Vivian (Agnes Bruckner) é uma jovem lobisomen que vive presa e uma profecia, de que será a esposa do líder de sua sociedade, Gabriel. Líder que lhe salvou quando perdeu seus pais na infância, vítimas de caçadores que seguiram seus rastros para encontrar a família. Mas, no entanto, ela conhece Aidan Galvin em uma igreja, e inicia com ele uma amizade. Aidan é um fanático por lobisomens (ou, como gosta de chamar, loup garoux), gosta de estudá-los e fazer novelas gráficas sobre eles e seus costumes. Essa amizade, eventualmente, acaba se tornando um romance entre loba e homem, o que gera um descontentamento geral no grupo de Vivian. Liderados por Gabriel, os membros do clã tentam, a qualquer custo, acabar com esse relacionamento dos dois, chegando ao ponto de tentar causar mortes.

“Sangue e Chocolate” difere-se dos últimos filmes do gênero, como o ridículo “Amaldiçoados”, principalmente pela não utilização de vários clichês. Este longa não considera reais os fatos de que os lobisomens são mortos apenas com uma bala de prata no peito e de que apenas tomam a forma de lobo na lua cheia. Essa é a maior novidade apresentada pela competente diretora alemã Katja Von Garnier, que leva às telas seu 7º longa, o primeiro de maior importância internacional (um de seus filmes foi escolhido a melhor produção alemã)

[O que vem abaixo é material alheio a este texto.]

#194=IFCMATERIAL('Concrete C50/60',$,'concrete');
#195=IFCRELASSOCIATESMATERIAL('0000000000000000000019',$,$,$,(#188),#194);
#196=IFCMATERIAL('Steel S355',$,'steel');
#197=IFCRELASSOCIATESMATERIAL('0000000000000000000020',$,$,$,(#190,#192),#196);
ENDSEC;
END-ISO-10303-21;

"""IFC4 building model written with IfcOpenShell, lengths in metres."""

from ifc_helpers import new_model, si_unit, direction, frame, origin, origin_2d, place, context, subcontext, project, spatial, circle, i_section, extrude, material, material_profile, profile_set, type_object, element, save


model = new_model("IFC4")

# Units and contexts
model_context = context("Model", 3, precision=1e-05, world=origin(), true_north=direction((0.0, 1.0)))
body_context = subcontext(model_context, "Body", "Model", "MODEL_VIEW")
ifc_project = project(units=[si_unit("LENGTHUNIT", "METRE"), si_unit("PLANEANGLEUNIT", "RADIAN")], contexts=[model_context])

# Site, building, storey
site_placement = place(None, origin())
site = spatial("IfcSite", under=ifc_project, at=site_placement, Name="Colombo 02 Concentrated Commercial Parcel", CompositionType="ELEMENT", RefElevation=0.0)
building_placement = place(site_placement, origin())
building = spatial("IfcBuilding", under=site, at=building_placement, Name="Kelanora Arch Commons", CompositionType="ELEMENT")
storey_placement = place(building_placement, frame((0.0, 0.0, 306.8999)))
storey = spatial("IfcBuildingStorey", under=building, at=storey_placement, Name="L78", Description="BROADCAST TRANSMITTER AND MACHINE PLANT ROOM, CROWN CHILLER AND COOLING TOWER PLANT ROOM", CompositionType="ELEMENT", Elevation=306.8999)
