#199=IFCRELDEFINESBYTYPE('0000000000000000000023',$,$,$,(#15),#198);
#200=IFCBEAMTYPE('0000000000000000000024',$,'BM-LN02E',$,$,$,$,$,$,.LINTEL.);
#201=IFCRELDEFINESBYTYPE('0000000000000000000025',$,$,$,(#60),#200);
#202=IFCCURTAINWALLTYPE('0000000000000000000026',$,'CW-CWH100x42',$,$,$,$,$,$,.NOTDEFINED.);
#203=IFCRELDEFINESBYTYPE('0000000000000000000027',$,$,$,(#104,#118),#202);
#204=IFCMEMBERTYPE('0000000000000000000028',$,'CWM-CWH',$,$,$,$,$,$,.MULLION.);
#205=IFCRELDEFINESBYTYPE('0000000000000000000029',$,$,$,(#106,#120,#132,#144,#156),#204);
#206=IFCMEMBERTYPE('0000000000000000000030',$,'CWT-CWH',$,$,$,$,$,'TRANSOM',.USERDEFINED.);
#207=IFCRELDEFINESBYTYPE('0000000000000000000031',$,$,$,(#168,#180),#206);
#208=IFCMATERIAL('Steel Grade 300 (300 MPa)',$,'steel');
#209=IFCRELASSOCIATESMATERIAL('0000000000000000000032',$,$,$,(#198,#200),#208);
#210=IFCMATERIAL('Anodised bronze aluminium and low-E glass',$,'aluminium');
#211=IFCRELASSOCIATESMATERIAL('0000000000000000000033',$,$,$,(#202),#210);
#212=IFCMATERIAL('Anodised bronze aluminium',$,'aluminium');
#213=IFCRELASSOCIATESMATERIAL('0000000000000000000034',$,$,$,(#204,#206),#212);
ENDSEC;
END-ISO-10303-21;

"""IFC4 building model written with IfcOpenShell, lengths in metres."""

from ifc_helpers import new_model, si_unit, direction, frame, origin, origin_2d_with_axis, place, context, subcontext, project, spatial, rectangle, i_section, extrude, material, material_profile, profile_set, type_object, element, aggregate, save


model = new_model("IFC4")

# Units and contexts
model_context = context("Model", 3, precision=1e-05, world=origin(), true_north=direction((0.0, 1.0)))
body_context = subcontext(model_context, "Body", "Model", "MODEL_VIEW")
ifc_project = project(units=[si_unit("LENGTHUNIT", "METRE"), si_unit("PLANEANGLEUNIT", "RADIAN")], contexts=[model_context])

As cenas de ação em “Sangue e Chocolate” são boas. As perseguições dos lobisomens às pessoas que fizeram ou podem fazer mal ao clã são ferozes e tensas, ajudadas muito pela excelente trilha sonora. Trilha que funciona o tempo inteiro, consegue dar leveza aos momentos de romance entre Vivian e Aidan, obscuridade aos momentos de terror e dinâmica aos momentos de ação. A fotografia, pendendo quase sempre para tons de azul, é bem feita, mas a quantidade de azul, por vezes, chega a incomodar um pouco. Os efeitos especiais não são utilizados em grande escala, até porque os lobos do filme são reais, mas, quando aparecem, não são lá grande coisa. A transformação dos lobisomens é um dos pontos mais fracos do filme, pois não dá medo, apenas acontece.

O elenco do longa não é bom, com exceção de Agnes Bruckner. A protagonista cumpre muito bem seu papel, conseguindo conciliar uma personagem com facetas quase antagônicas: sombria e apaixonada. Apesar de suas expressões serem quase as mesmas em todas as cenas (emburrada), Agnes passa as emoções de sua personagem com correção, deixando muito pouco escapar. O restante é fraco. Hugh Dancy é o protagonista masculino, Aidan, e passa para seu personagem toda a sua apatia e inexpressividade. Suas cenas de romance com Agnes são menos piores, mas nem assim consegue sair da mediocridade. O vilão Gabriel é interpretado pelo fraco Olivier Martinez, que não consegue nos fazer temer toda a sua “maldade e vilania”.

“Sangue e Chocolate” está longe de ser um dos melhores filmes do ano, muito longe mesmo. Mas chegou para dar uma boa retomada no gênero Lobisomen, que contava apenas com o bom “Anjos da Noite” como representante de respeito nos últimos anos, e que foi completamente ridicularizado com o patético “Amaldiçoados”. Não é um filme excelente, mas, apesar da tentativa do diretor de elenco de acabar com tudo, acaba agradando.